I'm new to woodworking so hopefully this question falls within this exchanges guidelines, please advise if not.

I'm trying to drill the screw below into plywood as shown in the photo: enter image description here

There will be a block of wood in the slot in the above photo that I worry will split if I don't drill a pilot hole first. The only issue is that my drill bit is not long enough to make it all the way through. As shown below: enter image description here

So I realized that I need to buy a new drill bit but I am struggling even to do that. My drill (shown below) seems to only accept hex shaped drill bits which drastically limits my selection. enter image description here

These are the screws I'm trying to drill, they are 12 x 3 inches long, shown below: enter image description here

Why are the screws listed as size 12 but all drill bits are listed as fractions as shown here? How am I supposed to know what size is correct? And moreover, how can I tell if the length of the bits are at least 3 inches none of the packaging seems to list length, only the size as a fraction. :

enter image description here

To complicate matters, I want the screw to be perfectly flush so I believe I need a countersink to do that properly, I've been looking at the countersinks below I can't tell if the bits are at least 3 inches or whether the width is correct. enter image description here

I am totally overwhelmed at this point - which drill bit should I be using?

  • 1
    That's not a drill, that's an impact driver that people just happen to make drill bits for. Commented Oct 26, 2018 at 9:50
  • 1
    @ratchetfreak judging by the clutch settings, it's probably a drill driver and not an impact driver. DeWalt (and some other companies) makes hex chuck drill drivers, mostly in the 12V product range.
    – Eli Iser
    Commented Oct 26, 2018 at 12:19
  • Well-asked Question. Two previous Q&As you might like to read that will help in the future, Which type of drill bit for which jobs? and How can you make a regular screw into a self tapping screw?
    – Graphus
    Commented Oct 26, 2018 at 15:26
  • Here is some information about screw sizing: diy.stackexchange.com/questions/13824/… . Basically, they're measured in gauge instead of size because there's a lot of sizes close together, so just measuring the major diameter would be error-prone. Commented Oct 26, 2018 at 16:05
  • It is definitely a drill not an impact driver. It doesn't make the same noise as impact drivers do. Just a weird drill
    – Matt
    Commented Oct 26, 2018 at 16:13

1 Answer 1


The tapered bits are the proper bit for that process. You can by (and most do) with just using a properly sized standard drill bit.
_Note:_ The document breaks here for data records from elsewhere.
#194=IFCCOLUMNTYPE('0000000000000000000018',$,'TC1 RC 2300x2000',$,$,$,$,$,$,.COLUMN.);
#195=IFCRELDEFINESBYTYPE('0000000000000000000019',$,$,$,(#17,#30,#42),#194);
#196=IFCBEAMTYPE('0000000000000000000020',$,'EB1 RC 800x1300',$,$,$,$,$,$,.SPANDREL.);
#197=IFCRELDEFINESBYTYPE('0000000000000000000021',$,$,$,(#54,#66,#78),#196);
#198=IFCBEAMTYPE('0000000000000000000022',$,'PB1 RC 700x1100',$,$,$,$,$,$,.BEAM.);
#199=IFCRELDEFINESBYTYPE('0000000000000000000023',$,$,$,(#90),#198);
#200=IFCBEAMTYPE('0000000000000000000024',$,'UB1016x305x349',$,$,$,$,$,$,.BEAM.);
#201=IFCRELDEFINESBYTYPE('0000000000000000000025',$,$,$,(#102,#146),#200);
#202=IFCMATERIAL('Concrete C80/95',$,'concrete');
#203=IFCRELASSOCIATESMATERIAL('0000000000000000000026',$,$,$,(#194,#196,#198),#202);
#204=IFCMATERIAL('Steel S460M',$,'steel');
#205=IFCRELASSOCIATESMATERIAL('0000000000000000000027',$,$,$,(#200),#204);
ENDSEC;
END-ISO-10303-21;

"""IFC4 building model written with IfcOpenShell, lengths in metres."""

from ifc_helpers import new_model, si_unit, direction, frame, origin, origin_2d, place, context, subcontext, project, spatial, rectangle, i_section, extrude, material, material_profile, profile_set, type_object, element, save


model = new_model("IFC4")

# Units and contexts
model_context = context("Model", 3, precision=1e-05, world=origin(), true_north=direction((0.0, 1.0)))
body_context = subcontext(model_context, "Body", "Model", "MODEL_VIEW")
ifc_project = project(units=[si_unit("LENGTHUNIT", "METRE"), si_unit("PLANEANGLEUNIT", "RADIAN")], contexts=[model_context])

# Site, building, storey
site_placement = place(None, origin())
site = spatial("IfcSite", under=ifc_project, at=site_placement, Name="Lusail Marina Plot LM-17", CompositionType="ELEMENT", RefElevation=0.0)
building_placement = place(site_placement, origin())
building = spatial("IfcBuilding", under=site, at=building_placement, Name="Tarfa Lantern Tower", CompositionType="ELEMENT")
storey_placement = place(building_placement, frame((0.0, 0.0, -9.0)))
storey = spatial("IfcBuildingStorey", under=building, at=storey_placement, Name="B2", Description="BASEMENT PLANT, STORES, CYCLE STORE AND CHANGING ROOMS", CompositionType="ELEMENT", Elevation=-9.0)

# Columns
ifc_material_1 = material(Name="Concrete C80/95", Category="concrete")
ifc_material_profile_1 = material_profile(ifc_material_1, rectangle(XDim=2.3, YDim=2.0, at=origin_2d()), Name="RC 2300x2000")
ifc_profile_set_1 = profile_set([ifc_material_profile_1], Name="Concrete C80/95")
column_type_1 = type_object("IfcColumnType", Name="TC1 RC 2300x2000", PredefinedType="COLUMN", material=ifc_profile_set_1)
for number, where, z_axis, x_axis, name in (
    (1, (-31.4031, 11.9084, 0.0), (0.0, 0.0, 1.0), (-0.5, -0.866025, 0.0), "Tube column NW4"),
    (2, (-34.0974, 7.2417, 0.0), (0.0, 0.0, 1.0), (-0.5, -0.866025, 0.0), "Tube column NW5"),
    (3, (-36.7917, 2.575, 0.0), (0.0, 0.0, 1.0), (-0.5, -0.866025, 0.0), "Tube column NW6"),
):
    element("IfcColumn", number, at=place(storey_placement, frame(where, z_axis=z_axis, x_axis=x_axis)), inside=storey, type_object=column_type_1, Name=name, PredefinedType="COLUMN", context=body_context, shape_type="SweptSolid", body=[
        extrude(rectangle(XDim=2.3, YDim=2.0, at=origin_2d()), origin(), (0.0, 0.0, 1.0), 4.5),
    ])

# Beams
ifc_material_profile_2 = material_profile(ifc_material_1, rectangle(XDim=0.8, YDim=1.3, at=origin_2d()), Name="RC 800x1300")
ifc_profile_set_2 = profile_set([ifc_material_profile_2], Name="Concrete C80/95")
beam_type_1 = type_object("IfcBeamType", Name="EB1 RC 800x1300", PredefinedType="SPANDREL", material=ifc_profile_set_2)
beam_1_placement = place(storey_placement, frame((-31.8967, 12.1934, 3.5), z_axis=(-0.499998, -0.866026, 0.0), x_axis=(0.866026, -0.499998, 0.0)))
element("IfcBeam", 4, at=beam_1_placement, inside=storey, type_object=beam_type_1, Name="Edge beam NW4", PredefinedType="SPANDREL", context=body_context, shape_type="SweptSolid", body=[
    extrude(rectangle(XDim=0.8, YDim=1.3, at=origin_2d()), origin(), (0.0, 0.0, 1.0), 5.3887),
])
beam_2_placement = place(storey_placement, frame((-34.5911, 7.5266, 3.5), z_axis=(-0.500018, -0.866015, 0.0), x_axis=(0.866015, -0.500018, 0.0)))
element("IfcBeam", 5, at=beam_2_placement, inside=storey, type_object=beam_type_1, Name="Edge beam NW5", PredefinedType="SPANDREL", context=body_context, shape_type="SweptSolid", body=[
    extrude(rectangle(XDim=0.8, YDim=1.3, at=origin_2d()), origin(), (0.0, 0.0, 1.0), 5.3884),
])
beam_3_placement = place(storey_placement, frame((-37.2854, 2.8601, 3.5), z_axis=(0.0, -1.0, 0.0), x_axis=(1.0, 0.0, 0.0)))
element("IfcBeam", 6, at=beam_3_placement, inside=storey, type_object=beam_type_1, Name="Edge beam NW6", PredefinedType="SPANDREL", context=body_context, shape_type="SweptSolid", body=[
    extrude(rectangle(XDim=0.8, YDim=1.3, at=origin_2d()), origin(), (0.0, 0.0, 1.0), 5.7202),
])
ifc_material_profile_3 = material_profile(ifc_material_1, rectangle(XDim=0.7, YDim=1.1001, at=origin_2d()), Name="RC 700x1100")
Here is a chart for screw size vs bit size based on the type of wood you are drilling into: Wood Screw Pilot Hole Sizes

The standard bits are more useful overall, so if you don't want to spend the money now on the tapered bits, just get the first set you linked and use those.

Regarding your drill. You will almost certainly want to invest in a drill with a standard chuck at some point. A standard three jaw chuck supports more bit sizes, and will have less runout (wobble in the bit that causes the hole to enlarge).

  • Do you know if the tapered bits are long enough? I can't see anywhere that indicates whether the one I need (I believe the #10) is at least 3 inches
    – Matt
    Commented Oct 26, 2018 at 16:12
  • They are probably long enough to do the job. You are not as likely to split the wood once you are in a ways. Alternatively, you could use some better screws (SPAX or GRK) that have a limited self-drilling tip.
    – LeeG
    Commented Oct 26, 2018 at 16:24
  • 1
    I just got home and measured my set. It looks like if you remove the counter sink head, you could drill up to 2 1/4" with the #10 taper bit.